Graphite stacks solve this dilemma by allowing you to create small, focused Pull Requests for better code review while still optimizing CI runs.

Optimize CI in Stacks

Graphite Optimize CI

Instead of running CI on every commit, we run CI only on:

  • The bottom commit (to verify the foundation)
  • The top commit (to verify the final state)

This significantly reduces our CI runs while maintaining high confidence in our code quality.

4. Ensure ExUnit Concurrency

Elixir's built-in test framework, ExUnit, has powerful concurrency features that are often underutilized. Here's how to leverage them:

Mark Tests as Async

The simplest win is marking test cases as async when possible:

use ExUnit.Case, async: true

You always do this anyway? Are you sure - or have some tests slipped through the net? You can use credo to automatically identify test cases that could be run asynchronously. This alone can provide a significant speed boost, especially in projects with many independent tests.

# .credo.exs
# ...
  enabled: [
    {Credo.Check.Refactor.PassAsyncInTestCases, []},

Use ExUnit 1.18's Concurrency Groups

ExUnit 1.18 introduced concurrency groups, a game-changing feature for tests that contend for the same resources. Instead of running all tests sequentially or risking race conditions, you can group related tests:

use ExUnit.Case, async: true, group: :commanded
test "in-memory-event-store-dependent test" do
  # ...
end

Tests within the same group run sequentially, while different groups run concurrently. This provides the perfect balance between safety and speed.

5. Address Technical Debt

Fix Flaky Tests

Flaky tests are worse than no tests - they waste time, reduce confidence, and often mask real issues. We prioritized fixing flaky tests by:

  • Adding better assertions
  • Removing timing-dependent logic
  • Improving test isolation

Optimize Slow Tests

We identified and optimized particularly slow tests, focusing on:

  • Reducing unnecessary setup/teardown
  • Improving database interaction patterns
  • Optimizing background job handling (particularly with Commanded)

You can identify slow tests using these mix commands:

mix test --slowest         # Shows 10 slowest tests
mix test --slowest 20     # Shows 20 slowest tests
mix test --trace          # Detailed output per test

Results

These changes reduced our average CI time from 15 minutes to 4 minutes, without increasing our CI costs. The biggest wins came from:

  1. Optimizing the CI flow
  2. Smart test execution strategies
  3. Proper use of async tests and concurrency groups
  4. Fixing and optimizing slow/flaky tests

Here are some more GitHub workflow examples, this time including deployment (build: docker image, deploy: via terraform).
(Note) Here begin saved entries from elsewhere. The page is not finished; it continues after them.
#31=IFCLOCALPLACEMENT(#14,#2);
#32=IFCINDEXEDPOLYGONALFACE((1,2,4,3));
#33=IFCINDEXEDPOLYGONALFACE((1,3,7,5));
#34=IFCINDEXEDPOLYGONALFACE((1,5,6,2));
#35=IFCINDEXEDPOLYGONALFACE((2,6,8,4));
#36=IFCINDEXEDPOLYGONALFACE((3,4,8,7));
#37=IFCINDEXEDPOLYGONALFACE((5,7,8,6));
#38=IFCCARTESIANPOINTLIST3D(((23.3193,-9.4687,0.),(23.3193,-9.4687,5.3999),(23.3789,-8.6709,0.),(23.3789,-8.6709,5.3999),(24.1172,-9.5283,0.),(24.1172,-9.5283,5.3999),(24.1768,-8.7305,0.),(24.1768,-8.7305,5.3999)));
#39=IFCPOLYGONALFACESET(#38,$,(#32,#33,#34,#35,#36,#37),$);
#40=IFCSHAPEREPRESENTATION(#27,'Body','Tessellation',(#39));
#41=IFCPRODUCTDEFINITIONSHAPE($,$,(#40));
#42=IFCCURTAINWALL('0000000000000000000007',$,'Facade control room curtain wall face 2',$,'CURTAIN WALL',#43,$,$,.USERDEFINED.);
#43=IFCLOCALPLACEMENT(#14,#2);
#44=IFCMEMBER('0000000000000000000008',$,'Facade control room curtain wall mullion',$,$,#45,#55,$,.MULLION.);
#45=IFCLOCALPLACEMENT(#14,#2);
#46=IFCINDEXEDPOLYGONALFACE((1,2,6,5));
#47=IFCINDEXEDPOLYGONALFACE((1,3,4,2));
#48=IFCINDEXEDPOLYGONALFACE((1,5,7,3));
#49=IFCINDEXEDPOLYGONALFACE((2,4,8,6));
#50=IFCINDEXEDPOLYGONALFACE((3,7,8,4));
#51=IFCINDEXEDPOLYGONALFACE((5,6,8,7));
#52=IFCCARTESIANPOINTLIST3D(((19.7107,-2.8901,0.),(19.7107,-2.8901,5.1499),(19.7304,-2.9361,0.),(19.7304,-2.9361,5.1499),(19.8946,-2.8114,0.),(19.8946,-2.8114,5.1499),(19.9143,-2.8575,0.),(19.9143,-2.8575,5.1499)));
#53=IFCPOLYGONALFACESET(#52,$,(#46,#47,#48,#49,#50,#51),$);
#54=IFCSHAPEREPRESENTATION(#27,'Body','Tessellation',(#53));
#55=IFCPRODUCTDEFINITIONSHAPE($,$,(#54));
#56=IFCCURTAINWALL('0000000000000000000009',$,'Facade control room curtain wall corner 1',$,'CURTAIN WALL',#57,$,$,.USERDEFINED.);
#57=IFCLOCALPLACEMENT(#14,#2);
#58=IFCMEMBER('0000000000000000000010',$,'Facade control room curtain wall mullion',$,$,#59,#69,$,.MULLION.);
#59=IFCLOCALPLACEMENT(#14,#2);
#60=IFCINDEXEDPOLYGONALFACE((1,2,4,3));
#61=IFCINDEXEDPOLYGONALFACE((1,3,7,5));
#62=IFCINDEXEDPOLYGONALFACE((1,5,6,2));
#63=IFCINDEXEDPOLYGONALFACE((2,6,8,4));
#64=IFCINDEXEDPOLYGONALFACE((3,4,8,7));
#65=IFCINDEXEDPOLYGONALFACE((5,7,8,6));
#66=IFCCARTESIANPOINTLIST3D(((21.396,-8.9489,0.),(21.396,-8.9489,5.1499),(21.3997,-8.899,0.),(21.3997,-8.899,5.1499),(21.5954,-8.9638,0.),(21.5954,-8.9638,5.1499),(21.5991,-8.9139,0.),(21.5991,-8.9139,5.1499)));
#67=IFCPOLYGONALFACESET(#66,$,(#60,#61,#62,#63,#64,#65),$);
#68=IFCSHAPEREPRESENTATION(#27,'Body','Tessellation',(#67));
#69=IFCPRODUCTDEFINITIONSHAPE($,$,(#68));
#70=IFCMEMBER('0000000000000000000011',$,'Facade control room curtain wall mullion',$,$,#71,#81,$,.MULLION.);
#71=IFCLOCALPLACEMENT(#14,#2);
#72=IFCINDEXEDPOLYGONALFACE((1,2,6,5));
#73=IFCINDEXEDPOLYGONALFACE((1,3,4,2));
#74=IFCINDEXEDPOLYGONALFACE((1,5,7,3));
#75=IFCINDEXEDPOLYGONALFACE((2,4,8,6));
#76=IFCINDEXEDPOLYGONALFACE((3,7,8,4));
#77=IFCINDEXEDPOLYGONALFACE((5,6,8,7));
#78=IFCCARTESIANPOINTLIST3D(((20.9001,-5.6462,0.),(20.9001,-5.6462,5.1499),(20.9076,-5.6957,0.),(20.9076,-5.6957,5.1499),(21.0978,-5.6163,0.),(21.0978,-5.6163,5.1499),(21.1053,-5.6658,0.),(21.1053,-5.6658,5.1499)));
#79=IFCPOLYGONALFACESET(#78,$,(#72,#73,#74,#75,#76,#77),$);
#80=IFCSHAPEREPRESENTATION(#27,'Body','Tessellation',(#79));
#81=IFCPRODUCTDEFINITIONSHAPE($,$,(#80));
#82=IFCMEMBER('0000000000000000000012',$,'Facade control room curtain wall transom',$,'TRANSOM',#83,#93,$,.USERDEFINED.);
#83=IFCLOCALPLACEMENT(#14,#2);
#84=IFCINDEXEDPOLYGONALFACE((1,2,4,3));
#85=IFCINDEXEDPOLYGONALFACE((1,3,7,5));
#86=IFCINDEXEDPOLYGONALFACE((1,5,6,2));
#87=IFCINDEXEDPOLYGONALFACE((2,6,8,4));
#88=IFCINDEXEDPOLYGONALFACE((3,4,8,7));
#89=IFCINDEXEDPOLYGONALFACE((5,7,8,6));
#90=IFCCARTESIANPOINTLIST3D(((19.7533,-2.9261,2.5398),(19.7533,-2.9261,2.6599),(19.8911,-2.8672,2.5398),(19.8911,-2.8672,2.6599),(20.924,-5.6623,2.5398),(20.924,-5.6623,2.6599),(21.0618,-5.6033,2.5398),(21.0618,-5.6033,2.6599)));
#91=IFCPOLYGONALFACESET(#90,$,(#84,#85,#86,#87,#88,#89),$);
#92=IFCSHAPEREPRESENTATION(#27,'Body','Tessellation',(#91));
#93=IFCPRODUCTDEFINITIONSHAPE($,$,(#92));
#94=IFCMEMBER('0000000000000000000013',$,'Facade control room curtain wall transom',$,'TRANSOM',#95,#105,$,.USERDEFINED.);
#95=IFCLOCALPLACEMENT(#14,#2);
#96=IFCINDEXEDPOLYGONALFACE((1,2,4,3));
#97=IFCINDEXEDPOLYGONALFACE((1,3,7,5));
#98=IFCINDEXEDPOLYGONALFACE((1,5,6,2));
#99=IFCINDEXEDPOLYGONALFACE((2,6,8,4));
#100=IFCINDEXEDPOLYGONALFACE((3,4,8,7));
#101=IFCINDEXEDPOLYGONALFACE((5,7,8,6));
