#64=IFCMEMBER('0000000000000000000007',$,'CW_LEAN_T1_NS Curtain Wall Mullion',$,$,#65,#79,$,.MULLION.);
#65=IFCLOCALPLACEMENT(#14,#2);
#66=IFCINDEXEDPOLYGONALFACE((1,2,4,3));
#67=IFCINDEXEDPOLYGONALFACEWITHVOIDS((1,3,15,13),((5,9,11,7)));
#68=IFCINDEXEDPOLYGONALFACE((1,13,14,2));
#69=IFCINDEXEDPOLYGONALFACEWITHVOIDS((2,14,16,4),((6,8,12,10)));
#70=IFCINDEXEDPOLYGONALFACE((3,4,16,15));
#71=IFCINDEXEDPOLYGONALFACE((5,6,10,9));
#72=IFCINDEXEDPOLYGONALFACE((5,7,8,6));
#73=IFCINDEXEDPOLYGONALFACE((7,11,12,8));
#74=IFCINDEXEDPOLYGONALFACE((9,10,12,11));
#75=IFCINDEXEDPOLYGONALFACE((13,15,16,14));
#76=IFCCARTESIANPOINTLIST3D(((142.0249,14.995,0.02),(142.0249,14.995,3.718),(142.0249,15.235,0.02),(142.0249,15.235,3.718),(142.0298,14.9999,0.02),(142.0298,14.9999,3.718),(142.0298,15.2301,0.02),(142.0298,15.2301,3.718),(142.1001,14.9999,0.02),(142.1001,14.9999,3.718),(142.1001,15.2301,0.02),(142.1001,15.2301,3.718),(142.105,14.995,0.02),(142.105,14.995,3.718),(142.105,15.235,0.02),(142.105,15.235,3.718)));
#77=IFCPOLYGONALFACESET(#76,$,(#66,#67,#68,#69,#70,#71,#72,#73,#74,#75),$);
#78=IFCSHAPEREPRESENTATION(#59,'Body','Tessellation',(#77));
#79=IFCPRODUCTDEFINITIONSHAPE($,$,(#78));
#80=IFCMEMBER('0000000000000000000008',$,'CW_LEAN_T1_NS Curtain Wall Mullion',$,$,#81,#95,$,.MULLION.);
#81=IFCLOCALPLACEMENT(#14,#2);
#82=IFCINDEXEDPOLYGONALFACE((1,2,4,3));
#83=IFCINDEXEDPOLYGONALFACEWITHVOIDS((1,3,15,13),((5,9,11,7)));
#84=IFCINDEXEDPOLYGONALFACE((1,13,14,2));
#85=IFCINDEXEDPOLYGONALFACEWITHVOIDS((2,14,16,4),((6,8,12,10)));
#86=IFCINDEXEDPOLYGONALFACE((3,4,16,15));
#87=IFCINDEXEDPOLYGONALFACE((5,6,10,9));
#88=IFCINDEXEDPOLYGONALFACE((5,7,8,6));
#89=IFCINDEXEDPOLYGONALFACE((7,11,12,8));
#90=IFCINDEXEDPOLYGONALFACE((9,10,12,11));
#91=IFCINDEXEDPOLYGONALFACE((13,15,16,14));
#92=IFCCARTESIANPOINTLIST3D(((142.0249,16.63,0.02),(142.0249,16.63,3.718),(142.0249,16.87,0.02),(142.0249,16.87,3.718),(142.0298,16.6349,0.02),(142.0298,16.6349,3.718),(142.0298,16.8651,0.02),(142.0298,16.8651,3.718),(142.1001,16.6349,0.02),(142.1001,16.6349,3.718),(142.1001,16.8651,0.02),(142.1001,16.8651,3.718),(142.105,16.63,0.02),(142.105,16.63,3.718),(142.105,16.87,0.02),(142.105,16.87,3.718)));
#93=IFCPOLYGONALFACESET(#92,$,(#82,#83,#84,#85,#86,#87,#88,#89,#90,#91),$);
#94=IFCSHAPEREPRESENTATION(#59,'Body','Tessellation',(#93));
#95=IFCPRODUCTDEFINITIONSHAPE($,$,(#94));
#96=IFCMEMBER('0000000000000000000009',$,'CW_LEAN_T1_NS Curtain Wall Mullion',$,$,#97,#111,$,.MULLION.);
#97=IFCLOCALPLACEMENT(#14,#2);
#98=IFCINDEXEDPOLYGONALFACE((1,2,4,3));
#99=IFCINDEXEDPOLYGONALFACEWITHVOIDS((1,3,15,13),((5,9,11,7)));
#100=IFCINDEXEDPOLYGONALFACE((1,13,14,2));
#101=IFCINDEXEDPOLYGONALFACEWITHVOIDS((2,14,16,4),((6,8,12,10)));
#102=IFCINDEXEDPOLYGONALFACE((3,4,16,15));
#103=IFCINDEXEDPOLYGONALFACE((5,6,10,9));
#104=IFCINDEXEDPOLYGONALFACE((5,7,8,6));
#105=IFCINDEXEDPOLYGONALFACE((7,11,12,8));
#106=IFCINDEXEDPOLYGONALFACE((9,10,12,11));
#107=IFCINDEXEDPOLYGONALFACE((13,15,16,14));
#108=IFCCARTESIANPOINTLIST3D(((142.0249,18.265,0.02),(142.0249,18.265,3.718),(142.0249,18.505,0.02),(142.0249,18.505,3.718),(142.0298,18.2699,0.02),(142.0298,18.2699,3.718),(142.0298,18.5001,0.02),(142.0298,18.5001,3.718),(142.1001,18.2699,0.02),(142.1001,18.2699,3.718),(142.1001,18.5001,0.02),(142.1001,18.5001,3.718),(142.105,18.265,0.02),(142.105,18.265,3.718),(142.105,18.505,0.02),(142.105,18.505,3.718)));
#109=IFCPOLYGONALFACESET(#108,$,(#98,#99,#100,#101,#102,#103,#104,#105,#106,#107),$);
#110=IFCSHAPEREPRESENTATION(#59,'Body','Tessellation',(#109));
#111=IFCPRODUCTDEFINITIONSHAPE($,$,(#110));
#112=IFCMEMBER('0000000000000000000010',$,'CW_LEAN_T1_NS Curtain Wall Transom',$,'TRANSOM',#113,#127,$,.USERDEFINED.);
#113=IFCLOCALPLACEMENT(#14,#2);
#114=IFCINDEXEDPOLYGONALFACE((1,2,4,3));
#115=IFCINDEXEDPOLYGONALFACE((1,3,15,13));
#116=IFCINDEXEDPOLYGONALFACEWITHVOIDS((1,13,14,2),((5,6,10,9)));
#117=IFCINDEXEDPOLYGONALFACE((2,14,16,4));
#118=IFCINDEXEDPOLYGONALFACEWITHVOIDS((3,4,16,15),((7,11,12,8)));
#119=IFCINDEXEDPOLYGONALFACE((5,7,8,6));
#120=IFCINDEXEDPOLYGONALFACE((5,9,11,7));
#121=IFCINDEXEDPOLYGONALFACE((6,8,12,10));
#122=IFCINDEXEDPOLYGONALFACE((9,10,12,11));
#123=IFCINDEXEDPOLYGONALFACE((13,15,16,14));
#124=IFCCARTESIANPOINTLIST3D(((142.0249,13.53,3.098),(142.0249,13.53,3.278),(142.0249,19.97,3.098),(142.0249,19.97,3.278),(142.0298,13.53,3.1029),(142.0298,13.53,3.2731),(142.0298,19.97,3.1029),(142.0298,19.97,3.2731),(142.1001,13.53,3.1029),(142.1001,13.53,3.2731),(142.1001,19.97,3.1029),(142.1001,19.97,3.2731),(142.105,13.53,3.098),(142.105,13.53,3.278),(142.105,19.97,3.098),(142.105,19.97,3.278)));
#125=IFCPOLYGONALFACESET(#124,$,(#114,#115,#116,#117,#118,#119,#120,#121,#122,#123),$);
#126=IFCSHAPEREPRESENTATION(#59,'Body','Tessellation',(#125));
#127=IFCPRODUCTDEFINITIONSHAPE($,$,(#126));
The Build (docker image) and Deploy (terraform) steps still use 2-core runners because they are less compute bound and less time critical for the normal development flow.

Before:

GitHub CI action workflow before optimizing (with deploy)

After:

GitHub CI action workflow after optimizing (with deploy)

Next Steps

To implement these improvements in your project:

  1. Audit your test suite for async opportunities
  2. Implement concurrency groups for related tests
  3. Review and combine CI jobs
  4. Profile your slowest tests
  5. Consider selective feature testing
  6. Consider using stack-based code review
  7. Try out larger runner sizes and --max-cases concurrency settings

Remember, CI optimization is an ongoing process. Regular monitoring and adjustment of your CI pipeline will help maintain these performance gains over time.